Like Walter Webb, the University of Texas historian, friend to J. Frank Dobie and Roy Bedichek, pointed out, for normal people (my phrase) western expansion stopped at the 98th meridian because all the old tricks, the cultural institutions and practices, quit working. In the east, you have rivers to travel. In the west, not so much. In the east, you have wood for fences and homes. On the plains, not so. In the west, you needed horses, windmills, barbed wire, and the colt 45. Expansion had to wait until someone invented these.
So we crossed the high deserts north of Santa Fe, traveled into Georgia O’Keefe country and were excited into exclamations. Then we kept going higher and passed over into Chama, then into the lower reaches of The Rocky Mountains into Pagosa Springs and Durango. Here we find a second West. Of course, there is more than one "West." Of course. I began to sense something different in myself. I do not know what it is. Something about freedom. Something about strength. Something about ascending and sitting taller in the saddle. Something about bears and elk and wolves, not prairie dogs and coyotes. Something about trees and water, not cacti and sand. Whatever the desert is, it is not ennobling. One watches horizons not peaks.

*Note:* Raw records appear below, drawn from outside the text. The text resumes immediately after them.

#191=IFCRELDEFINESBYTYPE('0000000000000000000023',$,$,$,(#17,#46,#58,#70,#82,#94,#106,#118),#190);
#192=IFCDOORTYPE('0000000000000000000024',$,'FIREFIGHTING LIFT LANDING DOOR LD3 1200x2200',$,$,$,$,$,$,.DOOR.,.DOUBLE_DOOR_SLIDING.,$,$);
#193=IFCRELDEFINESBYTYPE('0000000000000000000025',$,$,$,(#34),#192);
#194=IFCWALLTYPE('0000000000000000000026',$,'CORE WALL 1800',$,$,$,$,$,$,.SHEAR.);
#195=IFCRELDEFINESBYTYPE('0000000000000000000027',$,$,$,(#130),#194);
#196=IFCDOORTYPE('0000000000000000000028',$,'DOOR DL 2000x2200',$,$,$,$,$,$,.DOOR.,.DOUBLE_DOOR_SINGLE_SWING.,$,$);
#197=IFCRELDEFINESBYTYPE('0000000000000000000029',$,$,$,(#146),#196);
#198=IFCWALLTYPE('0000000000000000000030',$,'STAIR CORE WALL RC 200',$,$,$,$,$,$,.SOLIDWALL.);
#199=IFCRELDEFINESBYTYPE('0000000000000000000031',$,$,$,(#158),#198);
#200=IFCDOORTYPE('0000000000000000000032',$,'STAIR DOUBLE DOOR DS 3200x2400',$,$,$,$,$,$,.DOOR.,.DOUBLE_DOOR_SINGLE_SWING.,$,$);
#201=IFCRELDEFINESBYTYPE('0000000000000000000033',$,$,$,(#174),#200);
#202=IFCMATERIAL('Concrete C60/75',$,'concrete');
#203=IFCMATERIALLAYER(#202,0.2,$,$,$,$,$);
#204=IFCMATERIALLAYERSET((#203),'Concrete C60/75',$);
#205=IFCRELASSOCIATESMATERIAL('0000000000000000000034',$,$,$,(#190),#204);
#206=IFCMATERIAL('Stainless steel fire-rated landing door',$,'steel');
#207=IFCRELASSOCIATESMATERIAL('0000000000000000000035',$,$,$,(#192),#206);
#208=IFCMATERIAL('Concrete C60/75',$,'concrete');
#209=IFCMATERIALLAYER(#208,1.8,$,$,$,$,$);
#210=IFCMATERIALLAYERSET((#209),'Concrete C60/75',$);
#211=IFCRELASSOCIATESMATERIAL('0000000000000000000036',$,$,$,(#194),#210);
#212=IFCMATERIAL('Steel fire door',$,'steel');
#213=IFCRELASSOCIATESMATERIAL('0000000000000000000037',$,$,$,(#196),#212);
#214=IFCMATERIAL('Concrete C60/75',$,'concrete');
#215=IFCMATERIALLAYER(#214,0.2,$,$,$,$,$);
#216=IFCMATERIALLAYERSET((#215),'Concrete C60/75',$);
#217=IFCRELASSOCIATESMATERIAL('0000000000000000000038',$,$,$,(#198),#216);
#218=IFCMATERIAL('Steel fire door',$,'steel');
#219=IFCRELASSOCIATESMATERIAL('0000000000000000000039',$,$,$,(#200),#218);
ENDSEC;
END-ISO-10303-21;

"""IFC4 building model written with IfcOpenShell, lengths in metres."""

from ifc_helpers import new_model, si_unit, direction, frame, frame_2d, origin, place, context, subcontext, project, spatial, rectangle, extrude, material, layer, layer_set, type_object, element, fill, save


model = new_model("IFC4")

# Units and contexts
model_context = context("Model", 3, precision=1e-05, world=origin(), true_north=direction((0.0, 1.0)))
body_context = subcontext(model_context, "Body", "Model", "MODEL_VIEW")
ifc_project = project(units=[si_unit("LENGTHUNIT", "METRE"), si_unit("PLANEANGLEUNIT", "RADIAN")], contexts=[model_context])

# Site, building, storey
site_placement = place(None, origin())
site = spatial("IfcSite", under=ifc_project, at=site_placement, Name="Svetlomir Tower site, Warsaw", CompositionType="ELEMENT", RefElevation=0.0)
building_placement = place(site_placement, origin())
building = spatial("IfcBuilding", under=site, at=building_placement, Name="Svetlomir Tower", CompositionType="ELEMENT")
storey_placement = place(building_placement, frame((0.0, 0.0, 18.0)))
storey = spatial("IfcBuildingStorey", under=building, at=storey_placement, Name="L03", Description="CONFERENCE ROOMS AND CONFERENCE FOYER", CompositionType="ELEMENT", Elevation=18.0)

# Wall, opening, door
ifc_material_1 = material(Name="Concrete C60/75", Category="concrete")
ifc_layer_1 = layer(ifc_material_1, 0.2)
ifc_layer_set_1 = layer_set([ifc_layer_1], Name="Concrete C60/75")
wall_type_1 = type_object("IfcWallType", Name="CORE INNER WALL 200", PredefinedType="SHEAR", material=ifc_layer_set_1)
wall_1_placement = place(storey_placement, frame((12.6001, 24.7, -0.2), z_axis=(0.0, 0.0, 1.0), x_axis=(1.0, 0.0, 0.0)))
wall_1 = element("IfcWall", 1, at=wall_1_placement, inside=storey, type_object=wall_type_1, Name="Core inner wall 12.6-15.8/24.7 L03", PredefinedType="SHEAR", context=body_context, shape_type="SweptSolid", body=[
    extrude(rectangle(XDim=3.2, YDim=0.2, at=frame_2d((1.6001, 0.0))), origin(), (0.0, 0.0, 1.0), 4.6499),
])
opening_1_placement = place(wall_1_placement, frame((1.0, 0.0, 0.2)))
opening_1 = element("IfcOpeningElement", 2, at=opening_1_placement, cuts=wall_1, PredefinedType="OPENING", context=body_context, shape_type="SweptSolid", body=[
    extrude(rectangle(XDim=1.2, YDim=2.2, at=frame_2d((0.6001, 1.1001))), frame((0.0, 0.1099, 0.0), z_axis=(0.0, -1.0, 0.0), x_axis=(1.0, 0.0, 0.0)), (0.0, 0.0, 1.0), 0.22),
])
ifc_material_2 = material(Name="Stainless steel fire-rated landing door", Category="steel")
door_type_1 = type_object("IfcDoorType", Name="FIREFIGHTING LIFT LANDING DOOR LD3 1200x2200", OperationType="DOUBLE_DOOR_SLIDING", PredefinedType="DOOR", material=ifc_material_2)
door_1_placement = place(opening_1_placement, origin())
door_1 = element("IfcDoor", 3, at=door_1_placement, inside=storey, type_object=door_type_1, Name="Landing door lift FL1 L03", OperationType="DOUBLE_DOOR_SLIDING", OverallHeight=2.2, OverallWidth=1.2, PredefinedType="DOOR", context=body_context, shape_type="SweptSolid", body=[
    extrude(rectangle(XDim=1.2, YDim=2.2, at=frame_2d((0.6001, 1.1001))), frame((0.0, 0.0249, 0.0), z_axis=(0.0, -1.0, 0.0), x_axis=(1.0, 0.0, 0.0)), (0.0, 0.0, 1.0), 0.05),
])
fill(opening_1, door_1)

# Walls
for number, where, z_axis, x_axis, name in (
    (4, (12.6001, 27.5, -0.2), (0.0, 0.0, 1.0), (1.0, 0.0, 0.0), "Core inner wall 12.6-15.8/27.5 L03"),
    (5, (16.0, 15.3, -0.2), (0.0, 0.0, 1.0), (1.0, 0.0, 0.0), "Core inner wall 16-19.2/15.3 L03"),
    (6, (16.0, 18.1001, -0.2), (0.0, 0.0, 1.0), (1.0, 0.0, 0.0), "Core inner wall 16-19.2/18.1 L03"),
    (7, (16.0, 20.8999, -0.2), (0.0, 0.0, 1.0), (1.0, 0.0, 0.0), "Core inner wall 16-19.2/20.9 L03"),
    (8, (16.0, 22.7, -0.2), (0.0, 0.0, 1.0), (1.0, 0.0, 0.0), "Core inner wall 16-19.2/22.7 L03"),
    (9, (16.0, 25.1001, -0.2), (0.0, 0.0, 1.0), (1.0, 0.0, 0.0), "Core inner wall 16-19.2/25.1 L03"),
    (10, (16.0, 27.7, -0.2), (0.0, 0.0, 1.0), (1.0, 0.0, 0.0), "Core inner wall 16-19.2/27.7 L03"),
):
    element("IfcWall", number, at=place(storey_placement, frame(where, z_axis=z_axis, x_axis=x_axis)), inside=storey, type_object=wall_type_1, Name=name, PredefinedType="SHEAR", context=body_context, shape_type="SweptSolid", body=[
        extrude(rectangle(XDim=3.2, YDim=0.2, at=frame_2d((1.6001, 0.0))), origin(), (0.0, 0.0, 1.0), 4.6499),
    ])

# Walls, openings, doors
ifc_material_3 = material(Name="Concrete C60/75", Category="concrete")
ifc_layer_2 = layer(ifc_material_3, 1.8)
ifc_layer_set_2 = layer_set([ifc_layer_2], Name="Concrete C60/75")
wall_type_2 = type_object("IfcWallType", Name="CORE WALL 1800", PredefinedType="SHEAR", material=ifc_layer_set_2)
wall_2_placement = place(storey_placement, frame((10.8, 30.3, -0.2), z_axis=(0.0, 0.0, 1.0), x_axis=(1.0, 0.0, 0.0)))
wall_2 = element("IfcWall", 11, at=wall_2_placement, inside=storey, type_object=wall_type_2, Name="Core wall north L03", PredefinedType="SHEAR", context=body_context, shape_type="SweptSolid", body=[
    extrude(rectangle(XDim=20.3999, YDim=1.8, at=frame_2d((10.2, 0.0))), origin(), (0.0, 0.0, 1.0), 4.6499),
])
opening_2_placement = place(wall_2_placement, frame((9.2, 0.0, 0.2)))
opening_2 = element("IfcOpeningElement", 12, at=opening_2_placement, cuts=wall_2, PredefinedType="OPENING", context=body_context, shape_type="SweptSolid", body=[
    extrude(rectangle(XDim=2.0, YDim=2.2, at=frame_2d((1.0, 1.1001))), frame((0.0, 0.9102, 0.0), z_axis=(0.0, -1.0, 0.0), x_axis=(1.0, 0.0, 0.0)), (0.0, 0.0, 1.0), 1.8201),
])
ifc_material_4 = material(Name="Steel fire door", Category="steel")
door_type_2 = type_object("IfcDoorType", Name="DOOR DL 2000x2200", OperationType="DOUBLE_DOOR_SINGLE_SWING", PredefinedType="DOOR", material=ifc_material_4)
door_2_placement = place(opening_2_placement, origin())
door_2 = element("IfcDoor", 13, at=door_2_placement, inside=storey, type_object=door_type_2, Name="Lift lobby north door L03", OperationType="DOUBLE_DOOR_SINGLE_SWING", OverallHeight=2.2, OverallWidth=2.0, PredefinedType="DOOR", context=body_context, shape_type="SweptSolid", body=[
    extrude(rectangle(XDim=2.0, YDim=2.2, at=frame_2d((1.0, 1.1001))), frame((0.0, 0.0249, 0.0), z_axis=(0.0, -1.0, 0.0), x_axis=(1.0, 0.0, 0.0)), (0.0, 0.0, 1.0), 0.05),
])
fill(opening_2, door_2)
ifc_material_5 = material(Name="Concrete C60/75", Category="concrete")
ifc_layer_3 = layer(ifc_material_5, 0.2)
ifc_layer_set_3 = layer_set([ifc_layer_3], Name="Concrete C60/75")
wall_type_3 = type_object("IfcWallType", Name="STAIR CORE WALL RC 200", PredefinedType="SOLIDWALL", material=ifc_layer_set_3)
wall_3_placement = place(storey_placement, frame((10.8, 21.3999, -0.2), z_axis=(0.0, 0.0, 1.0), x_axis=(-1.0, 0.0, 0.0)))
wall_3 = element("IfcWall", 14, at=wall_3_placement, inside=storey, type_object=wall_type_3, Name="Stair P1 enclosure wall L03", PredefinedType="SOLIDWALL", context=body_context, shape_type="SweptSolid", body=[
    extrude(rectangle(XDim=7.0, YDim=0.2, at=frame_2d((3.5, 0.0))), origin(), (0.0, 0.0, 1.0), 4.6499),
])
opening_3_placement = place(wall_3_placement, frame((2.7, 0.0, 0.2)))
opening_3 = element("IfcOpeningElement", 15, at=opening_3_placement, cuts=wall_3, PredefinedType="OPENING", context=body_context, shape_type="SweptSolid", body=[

|Looking South toward Abiquiu|
So I still don’t understand what I am feeling. But let’s say the obvious, this part of The West is different. It calls something out of you that the East and The Desert Plains do not. I don’t know what it is. But I like it. I wish I could say this more clearly, but I wanted to record the confusion, the intuition, the recognition that there is a power here that is unlike what we have seen so far. It is not Western European Enlightenment; it is not civilized. It is not Nomad Existenialism and Aloneness. It's something larger. It is not cynical or ironic or empty.
Soundtrack. Linda Ronstadt: "Colorado."
Soundtrack. Linda Ronstadt: "Colorado."